The opinion tackled critics’ argument that the Confederate monument violated the state’s constitutional obligation to have “open courts.”

“We conclude that the Open Courts Clause does not prohibit the placement of an object of historical remembrance in or around a courthouse, though some may find offense,” Dillon wrote. “Indeed, in many courthouses and other government buildings across our State and nation, there are depictions of historical individuals who held certain views in their time many today would find offensive.”

“In this case, Plaintiffs fail to show they are denied the Clause’s guarantees,” Dillon added. “They do not contend that the Alamance County courthouse is not regularly in session or that legal remedies are being withheld, nor do they contend that trials are closed to the public or that criminal defendants are denied speedy trials.”
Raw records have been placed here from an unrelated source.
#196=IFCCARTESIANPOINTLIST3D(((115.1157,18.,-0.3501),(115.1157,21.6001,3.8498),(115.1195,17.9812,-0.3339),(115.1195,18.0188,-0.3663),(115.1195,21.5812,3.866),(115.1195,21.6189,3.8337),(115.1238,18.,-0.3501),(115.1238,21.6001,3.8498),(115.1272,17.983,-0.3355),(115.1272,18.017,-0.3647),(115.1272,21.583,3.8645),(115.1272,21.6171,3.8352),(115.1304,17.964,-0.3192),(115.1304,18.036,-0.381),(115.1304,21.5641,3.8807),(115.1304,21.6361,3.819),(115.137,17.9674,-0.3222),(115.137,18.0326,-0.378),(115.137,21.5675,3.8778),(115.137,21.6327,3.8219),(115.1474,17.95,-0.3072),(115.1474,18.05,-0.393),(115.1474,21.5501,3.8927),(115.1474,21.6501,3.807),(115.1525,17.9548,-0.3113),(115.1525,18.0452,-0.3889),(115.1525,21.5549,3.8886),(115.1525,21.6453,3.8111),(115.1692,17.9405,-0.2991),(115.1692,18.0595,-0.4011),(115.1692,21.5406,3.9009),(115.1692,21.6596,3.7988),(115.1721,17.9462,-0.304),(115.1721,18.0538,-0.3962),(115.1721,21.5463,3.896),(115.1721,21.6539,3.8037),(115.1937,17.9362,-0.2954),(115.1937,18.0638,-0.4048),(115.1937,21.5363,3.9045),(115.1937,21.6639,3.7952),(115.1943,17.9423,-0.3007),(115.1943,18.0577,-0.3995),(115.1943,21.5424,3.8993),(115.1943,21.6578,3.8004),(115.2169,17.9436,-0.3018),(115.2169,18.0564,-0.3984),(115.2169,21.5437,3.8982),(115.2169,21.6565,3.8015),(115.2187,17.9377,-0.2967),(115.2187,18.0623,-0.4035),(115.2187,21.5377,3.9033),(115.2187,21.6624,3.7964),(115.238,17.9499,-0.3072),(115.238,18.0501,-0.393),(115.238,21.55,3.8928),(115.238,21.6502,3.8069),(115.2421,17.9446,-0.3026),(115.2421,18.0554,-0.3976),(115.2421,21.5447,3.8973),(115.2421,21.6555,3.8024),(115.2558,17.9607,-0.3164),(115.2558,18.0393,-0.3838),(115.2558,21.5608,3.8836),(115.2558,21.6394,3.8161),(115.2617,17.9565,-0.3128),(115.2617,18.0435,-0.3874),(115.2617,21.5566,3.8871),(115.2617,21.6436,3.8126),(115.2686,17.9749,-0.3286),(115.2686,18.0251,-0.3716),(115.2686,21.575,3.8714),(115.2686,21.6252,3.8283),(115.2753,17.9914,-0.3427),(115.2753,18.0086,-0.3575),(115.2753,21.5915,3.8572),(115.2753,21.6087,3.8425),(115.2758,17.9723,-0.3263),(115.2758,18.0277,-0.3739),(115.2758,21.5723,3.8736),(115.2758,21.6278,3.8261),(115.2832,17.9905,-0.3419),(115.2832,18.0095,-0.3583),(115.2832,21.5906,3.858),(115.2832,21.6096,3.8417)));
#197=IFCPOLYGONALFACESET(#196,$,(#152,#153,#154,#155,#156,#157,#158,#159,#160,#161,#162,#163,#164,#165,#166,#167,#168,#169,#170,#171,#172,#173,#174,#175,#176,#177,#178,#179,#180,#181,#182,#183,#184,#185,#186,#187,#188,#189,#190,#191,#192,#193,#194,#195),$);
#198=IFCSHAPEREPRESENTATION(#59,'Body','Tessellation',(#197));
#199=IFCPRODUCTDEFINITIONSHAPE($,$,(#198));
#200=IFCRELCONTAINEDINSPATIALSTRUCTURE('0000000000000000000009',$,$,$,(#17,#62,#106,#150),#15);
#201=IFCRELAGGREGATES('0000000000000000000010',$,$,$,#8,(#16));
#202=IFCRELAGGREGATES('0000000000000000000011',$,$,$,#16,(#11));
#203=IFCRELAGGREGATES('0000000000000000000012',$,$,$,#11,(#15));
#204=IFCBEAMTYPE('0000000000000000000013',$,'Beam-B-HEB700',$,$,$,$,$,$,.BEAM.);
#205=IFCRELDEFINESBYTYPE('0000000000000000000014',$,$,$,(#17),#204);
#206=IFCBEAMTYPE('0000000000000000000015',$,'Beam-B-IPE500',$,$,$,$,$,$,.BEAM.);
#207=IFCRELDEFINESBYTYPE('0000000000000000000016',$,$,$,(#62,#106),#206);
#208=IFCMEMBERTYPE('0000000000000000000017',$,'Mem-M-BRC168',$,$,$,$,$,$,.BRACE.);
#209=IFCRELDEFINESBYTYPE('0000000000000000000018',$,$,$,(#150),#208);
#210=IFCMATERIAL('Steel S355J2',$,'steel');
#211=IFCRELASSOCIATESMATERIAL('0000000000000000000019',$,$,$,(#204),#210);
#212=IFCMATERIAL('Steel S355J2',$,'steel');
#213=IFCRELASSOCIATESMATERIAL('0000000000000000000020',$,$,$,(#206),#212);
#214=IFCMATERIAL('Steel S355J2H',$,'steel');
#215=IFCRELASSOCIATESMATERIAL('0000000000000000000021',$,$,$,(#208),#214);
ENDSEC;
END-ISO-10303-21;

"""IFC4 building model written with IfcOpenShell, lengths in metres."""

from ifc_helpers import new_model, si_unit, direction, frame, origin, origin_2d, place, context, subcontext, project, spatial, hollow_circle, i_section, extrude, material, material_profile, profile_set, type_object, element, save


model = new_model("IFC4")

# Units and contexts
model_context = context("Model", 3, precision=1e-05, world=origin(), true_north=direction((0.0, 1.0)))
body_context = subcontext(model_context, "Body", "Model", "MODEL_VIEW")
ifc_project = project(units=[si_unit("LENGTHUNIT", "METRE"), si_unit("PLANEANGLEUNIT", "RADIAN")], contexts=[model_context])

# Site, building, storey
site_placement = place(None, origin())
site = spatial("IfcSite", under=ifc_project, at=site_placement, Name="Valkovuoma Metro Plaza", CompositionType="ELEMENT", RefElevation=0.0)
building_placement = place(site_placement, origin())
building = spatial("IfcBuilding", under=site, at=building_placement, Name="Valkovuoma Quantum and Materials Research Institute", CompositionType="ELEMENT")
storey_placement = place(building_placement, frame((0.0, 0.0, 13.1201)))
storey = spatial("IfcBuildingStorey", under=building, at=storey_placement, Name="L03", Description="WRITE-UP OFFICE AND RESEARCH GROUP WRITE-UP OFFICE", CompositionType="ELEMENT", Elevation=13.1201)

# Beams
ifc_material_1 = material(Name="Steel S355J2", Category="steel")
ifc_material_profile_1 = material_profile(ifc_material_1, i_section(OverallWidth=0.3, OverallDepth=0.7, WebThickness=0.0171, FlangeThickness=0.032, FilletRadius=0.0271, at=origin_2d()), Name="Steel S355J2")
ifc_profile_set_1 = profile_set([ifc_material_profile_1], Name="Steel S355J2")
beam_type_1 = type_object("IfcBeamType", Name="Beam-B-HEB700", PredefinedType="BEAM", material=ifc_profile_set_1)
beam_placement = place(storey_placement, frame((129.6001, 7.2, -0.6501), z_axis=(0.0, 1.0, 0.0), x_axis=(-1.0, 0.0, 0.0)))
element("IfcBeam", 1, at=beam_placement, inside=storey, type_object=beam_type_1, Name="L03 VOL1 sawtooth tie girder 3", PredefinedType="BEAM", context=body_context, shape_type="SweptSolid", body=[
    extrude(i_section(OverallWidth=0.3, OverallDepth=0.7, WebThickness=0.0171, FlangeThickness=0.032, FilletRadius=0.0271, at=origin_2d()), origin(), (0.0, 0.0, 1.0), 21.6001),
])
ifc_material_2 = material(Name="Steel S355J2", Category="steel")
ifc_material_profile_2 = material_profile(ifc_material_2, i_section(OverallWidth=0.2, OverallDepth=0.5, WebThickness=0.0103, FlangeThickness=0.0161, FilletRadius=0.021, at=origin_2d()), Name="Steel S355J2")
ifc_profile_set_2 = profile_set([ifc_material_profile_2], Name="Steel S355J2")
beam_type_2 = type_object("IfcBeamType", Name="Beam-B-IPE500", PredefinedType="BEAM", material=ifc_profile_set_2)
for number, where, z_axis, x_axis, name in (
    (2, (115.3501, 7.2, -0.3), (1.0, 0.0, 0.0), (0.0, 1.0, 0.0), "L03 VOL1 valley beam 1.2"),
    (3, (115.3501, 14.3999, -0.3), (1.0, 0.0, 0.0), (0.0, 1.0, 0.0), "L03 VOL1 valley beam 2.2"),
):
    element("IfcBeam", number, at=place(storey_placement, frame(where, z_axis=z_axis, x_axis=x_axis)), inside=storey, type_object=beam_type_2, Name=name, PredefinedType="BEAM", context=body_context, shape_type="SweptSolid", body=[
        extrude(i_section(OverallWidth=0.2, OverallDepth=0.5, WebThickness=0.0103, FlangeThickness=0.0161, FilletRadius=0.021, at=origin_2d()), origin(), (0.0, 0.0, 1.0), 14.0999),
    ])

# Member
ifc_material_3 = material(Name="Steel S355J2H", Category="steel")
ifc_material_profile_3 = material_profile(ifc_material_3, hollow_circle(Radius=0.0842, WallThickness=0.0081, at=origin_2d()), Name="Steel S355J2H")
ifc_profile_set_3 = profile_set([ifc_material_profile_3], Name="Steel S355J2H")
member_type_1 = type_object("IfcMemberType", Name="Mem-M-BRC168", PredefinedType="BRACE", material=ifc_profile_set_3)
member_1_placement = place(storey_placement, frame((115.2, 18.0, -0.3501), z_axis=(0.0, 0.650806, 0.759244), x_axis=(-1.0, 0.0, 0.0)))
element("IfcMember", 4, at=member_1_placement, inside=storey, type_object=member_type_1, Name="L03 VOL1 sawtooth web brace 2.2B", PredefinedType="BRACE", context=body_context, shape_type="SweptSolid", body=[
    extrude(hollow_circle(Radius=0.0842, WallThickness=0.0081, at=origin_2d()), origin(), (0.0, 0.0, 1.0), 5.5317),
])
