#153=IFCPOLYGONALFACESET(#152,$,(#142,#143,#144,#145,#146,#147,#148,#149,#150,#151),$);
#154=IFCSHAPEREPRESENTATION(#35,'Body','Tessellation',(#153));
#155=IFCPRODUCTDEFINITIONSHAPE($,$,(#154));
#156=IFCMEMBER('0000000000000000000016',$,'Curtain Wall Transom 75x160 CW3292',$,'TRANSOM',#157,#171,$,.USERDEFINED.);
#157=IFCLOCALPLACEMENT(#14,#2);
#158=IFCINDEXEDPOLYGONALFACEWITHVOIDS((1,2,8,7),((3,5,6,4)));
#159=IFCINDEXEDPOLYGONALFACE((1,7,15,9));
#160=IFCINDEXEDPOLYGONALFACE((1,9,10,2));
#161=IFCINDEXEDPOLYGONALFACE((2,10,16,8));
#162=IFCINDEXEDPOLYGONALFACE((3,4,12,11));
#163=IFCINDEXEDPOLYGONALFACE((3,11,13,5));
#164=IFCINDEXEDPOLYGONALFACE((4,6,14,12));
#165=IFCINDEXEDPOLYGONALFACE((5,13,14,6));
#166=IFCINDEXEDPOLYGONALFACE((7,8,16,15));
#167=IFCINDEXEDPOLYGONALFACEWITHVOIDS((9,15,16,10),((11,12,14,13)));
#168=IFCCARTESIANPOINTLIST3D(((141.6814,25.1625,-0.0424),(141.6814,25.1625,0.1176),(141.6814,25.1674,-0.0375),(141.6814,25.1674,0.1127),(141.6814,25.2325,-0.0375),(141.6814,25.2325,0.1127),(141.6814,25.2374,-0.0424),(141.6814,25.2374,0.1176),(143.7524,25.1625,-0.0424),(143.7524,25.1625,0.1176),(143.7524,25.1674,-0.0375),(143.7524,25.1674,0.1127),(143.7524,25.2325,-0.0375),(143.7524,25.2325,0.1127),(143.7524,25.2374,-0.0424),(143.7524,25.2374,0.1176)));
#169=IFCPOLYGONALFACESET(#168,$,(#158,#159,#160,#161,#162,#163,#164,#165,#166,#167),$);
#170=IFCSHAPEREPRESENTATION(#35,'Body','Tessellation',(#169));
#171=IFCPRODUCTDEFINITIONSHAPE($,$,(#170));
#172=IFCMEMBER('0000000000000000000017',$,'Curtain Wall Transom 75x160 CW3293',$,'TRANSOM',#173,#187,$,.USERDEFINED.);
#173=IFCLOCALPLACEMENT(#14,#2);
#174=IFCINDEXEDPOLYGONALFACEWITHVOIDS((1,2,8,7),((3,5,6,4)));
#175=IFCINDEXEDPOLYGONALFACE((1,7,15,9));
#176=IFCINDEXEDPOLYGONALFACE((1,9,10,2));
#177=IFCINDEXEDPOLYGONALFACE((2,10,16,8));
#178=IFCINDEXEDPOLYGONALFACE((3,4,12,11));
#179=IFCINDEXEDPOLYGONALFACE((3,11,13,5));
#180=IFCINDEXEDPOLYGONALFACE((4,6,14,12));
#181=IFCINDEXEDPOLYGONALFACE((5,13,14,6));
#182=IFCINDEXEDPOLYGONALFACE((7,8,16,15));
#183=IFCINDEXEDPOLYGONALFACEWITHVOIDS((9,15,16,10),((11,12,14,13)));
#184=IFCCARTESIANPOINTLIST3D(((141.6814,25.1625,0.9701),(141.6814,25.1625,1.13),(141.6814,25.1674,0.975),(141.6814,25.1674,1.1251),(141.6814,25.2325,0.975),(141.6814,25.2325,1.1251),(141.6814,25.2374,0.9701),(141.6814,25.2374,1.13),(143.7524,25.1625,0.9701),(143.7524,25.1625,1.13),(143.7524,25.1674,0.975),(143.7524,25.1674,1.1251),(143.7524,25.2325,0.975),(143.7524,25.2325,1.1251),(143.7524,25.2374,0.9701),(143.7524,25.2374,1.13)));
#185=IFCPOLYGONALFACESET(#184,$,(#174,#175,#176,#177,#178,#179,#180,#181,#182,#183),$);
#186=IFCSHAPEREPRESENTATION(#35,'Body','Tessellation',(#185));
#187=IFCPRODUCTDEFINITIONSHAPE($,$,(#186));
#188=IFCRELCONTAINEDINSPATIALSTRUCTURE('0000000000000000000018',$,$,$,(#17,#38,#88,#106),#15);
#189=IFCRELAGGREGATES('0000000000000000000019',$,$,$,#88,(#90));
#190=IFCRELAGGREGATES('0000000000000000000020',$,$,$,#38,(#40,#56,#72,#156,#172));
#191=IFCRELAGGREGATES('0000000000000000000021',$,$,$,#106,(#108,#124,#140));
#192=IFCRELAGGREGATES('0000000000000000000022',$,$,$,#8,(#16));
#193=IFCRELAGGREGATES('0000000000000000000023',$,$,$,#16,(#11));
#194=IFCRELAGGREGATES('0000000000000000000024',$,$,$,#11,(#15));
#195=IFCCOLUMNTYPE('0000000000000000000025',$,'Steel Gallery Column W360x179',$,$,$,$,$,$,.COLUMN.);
Judges Donna Stroud and Valerie Zachary joined Dillon’s opinion.

The same panel heard oral arguments in the case last November.

“This particular monument — not all Confederate memorials, certainly not all monuments — but this particular one in Alamance County, situated as it is on the place where Mr. Wyatt Outlaw was lynched in 1870, dedicated in 1914 by someone who praised the monument as standing as a memory to the great achievements of our own race and blood, dedicated by Mr. Henry London, who was on record as wanting to purge North Carolina of the ignorant Negro vote, … we have laid out plenty of evidence that this particular monument commemorates white supremacy,” argued Mark Fleming, the Boston-based lawyer representing the plaintiffs.

“This case is not about whether you like or dislike Confederate monuments,” argued Christopher Geis, the Winston-Salem-based attorney representing Alamance County. “It’s about the rule of law, and whether we are going to — as a court and as a society — honor the rule of law, even when that law might not be popular with some.”

Geis pointed to the 2015 state law banning the removal of historical monuments from public property. “The Alamance County monument was erected 109 years ago, and the law was passed eight years ago,” Geis said. “Nothing has changed in the intervening time periods except the opinions of some people that the monument does not belong there.”

“This monument controversy has been going on for eight years and five months,” Geis added. “Four eight years and four months of that time, that monument law has been in place — tying the county’s hands.”

Opponents argued that a state law could not stand in the way of their claim that the Alamance monument represents racial discrimination. “The Constitution has to trump the statute,” Fleming argued. “It’s the supreme law of North Carolina. We don’t think there’s any question about that, which is why I say the monuments law is in many ways a red herring here.”